PREMIER APPRENTI.--Allons, Pierre, je bois à toi; n'aie pas peur.

SECOND APPRENTI.--Allons, ami Pierre, ne crains pas ton maître; combats pour l'honneur des apprentis.

PIERRE.--Je vous remercie tous: buvez, et priez pour moi, je vous en prie; car je crois bien que j'ai bu mon dernier coup en ce monde.--Tiens, Robin, si je meurs, je te donne mon tablier.--Et toi, William, tu auras mon marteau.--Et toi, Tom, tiens, prends tout l'argent que j'ai.

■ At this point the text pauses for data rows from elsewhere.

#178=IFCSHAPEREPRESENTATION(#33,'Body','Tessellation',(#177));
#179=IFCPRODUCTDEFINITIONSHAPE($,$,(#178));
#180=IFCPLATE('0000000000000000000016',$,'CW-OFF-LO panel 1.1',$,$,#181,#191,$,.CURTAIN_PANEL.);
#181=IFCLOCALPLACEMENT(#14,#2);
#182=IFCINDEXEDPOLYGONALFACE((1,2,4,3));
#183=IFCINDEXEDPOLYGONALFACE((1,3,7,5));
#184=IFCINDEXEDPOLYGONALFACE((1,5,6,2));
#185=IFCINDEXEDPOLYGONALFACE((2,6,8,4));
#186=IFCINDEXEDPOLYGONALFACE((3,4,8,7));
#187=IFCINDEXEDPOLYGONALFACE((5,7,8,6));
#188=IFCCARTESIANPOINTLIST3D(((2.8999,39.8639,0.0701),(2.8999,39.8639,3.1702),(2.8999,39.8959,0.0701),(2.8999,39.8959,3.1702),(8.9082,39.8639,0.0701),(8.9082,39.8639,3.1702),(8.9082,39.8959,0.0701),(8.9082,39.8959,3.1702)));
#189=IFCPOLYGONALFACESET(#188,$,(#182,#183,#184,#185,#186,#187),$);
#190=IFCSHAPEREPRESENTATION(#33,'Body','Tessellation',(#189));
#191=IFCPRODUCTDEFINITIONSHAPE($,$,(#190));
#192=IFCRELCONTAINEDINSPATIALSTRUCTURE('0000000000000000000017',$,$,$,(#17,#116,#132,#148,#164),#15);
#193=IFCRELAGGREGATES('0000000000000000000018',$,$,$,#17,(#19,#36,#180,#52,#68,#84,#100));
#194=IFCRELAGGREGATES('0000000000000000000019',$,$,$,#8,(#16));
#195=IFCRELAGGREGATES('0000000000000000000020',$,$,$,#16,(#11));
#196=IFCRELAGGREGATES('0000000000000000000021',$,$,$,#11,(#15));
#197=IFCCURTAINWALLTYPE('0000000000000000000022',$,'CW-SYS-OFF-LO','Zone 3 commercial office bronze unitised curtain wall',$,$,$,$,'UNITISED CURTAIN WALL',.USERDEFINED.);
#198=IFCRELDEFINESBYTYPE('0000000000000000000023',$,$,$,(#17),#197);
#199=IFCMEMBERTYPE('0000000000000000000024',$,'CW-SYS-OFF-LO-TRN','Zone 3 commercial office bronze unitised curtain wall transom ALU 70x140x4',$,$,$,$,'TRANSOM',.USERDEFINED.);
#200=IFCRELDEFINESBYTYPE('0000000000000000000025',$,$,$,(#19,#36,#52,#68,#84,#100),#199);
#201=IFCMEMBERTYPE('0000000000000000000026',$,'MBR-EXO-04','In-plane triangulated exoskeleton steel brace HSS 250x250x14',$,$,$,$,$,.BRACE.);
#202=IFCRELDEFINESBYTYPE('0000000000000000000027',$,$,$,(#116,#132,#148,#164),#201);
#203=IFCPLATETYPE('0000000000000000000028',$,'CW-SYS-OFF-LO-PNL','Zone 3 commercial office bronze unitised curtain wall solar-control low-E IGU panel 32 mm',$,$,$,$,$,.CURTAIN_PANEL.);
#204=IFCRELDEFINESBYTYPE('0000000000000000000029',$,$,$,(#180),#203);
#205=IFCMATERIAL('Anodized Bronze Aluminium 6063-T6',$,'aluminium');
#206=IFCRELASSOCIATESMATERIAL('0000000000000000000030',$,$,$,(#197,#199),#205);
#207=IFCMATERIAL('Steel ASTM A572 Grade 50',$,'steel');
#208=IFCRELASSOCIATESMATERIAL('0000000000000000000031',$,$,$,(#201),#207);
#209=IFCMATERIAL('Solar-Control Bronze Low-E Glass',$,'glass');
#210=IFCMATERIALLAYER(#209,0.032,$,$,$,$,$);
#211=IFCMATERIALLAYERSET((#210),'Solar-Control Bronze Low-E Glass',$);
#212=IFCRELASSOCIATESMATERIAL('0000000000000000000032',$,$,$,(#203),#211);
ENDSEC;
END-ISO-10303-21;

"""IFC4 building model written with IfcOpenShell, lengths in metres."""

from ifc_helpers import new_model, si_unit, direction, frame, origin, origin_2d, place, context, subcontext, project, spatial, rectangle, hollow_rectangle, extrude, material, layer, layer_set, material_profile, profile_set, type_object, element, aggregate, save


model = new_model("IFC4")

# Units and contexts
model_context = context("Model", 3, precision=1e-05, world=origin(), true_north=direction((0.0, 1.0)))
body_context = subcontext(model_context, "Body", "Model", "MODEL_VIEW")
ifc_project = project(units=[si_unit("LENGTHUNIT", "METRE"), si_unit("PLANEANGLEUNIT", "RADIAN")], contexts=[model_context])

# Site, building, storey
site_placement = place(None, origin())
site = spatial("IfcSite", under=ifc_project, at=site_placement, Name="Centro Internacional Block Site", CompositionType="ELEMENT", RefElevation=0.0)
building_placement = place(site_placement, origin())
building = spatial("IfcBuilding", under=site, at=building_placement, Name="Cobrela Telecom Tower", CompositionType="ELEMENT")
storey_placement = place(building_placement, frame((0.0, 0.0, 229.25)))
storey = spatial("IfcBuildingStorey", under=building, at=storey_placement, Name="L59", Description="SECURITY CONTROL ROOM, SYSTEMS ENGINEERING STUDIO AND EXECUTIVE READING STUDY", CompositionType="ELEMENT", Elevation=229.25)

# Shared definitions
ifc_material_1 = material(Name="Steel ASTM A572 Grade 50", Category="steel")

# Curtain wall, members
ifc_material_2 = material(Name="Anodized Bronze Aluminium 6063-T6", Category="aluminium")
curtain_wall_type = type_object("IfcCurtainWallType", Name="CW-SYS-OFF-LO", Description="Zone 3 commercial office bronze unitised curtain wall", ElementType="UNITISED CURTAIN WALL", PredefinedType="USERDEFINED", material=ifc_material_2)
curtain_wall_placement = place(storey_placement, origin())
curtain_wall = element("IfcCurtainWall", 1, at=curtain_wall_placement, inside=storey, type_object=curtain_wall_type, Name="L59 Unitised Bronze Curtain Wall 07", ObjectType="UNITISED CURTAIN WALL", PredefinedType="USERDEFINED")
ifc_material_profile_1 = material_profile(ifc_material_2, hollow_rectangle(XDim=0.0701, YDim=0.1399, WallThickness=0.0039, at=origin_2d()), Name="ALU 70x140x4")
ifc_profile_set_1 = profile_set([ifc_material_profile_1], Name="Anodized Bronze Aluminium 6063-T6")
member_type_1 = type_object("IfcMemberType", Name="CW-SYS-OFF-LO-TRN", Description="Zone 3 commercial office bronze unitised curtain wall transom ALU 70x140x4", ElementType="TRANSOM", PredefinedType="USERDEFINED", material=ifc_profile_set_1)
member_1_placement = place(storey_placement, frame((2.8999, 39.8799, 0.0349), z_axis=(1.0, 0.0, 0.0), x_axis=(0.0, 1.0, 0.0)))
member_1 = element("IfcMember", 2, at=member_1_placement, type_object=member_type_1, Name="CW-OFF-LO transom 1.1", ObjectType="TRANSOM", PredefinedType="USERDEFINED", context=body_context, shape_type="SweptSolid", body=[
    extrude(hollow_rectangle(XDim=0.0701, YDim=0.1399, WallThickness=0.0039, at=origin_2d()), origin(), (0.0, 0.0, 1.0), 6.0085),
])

O Seigneur! assistez-moi, mon Dieu, je vous en prie, car je ne serai jamais en état de tenir tête à mon maître, lui qui apprend l'escrime depuis si longtemps.

SALISBURY.--Allons, cessez de boire et venez aux coups. Toi, quel est ton nom?

PIERRE.--Pierre, vraiment.

SALISBURY.--Pierre! Et encore?

PIERRE.--Tap [13].

SALISBURY.--Tap! Songe donc à bien taper ton maître.

HORNER.--Messieurs, je suis venu ici comme qui dirait à l'instigation de mon apprenti, pour prouver qu'il est un coquin et moi un honnête homme.--Et quant au duc d'York, je jurerai sur ma mort que jamais je ne lui ai voulu aucun mal, ni au roi, ni à la reine. En conséquence, Pierre, prends garde à ce coup que je t'assène avec la fureur dont Bevis de Southampton tomba sur Ascapart [14].

Note 13:[ (retour) ] Dans l'original, Thump, qui signifie coup pesant. Il a fallu y substituer un nom qui permît de conserver dans la traduction la plaisanterie de Salisbury.--Cet homme se nommait en réalité John Davy, et son maître William Calour. La chose se passa comme elle est représentée ici, à cela près que l'armurier ne fut pas tué dans le combat, mais seulement vaincu, et pendu ensuite; il ne s'était cependant pas déclaré coupable, et, selon Hollinshed, l'accusation était fausse.